A namespace is a set of functions or scripts that can “see” the same objects.

Example:

- In the function
`f(x)`

above,`a`

was in`f(x)`

’s namespace, but not in`g(x)`

’s. - Conversely, the
`a`

inside`f(x)`

is local and not in the command line’s namespace.

In Matlab, there are only 2 namespaces:

- Global: this is what you can access from the command line.
- Local: inside a function.

Note: This is not exactly true because there are nested functions.

This means in particular that all global variables and all functions are visible everywhere. Their names must be unique.

Other languages have more control over namespaces (using “modules”).

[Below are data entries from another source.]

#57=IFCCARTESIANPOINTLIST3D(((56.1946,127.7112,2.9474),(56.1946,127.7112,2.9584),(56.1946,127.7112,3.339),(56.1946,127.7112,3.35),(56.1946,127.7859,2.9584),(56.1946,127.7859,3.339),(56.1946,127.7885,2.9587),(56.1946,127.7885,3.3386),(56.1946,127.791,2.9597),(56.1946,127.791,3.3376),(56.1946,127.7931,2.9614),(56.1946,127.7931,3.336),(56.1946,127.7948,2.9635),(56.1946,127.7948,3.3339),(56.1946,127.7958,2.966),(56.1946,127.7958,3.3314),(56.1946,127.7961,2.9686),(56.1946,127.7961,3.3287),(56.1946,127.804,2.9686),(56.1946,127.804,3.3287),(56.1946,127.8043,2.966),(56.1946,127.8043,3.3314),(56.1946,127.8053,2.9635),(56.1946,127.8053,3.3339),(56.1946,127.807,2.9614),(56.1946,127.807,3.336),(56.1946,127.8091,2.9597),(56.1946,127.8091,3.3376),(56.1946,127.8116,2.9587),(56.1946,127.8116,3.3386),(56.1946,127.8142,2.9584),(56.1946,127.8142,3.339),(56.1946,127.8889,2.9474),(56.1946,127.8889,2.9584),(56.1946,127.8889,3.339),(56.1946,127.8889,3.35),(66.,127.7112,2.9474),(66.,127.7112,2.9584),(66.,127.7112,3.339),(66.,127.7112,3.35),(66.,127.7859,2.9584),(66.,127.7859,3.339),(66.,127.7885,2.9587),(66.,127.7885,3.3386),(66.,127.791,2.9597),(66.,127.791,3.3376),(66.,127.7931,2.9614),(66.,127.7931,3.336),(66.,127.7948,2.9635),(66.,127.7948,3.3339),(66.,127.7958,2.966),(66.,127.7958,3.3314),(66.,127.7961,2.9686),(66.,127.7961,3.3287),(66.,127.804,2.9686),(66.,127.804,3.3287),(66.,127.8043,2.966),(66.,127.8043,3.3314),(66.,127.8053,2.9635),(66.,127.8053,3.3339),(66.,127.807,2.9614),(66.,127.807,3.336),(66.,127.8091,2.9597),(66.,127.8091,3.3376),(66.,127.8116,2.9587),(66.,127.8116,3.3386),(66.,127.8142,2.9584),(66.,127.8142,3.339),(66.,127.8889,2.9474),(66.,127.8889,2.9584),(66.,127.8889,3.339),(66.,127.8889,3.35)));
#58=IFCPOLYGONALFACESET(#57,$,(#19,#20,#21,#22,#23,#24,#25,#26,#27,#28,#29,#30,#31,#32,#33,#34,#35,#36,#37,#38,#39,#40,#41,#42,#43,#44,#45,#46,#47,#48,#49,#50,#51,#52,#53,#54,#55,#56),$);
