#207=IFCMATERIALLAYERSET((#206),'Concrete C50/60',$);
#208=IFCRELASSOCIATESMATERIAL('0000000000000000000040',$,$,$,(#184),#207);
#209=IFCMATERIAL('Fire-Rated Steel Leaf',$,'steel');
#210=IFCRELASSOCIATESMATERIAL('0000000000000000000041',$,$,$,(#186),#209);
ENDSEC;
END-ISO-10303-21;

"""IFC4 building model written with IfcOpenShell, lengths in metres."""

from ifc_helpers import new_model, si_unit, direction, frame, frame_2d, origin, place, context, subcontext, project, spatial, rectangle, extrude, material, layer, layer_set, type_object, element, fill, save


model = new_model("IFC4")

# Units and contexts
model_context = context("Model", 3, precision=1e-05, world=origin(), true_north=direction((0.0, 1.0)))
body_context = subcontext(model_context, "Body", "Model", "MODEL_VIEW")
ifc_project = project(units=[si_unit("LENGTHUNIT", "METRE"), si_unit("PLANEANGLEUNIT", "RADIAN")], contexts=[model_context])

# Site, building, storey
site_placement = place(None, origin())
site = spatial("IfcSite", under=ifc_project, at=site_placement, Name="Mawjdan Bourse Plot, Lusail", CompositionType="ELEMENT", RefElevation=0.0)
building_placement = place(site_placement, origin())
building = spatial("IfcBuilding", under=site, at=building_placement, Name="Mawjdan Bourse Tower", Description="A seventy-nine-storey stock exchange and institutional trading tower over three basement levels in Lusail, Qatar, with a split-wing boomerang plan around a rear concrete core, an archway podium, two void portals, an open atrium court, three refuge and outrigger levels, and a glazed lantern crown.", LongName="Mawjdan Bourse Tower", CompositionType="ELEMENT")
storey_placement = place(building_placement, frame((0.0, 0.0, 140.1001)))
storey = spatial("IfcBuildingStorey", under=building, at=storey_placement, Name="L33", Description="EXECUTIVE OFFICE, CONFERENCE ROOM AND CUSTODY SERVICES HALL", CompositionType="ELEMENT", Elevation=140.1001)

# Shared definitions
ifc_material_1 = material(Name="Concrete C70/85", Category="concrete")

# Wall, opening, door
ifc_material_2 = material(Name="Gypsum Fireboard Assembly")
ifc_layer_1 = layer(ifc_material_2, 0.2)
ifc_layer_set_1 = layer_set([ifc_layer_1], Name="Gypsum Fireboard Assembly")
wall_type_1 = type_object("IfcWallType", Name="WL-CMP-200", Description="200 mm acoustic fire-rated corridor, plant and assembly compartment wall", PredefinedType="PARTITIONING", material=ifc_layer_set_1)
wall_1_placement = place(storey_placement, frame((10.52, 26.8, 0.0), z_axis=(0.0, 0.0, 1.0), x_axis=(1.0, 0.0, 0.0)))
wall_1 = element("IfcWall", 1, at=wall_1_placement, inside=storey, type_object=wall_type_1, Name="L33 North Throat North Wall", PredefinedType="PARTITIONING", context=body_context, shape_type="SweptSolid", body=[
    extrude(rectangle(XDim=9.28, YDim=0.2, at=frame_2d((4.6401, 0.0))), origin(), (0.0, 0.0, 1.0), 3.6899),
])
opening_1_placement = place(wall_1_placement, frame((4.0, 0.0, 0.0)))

## Functions versus Scripts¶

Scripts are simply collections of commands that are run as if they were typed at the command prompt.

Scripts run in the global workspace. This is, generally speaking, not good. They create side effects.

Rule of thumb:

Always use functions, never scripts!

Functions are similar to scripts with one crucial difference:

- All variables inside a function are
**private**. - Other functions cannot see the variables inside a function (
*encapsulation*). - Any variable a function should know must be passed to it as an input argument.
- Any variable to be retained after the function finishes must be passed out of it as a return argument.

An important principle of structured programming:

Package a well-defined task into a function with a simple interface.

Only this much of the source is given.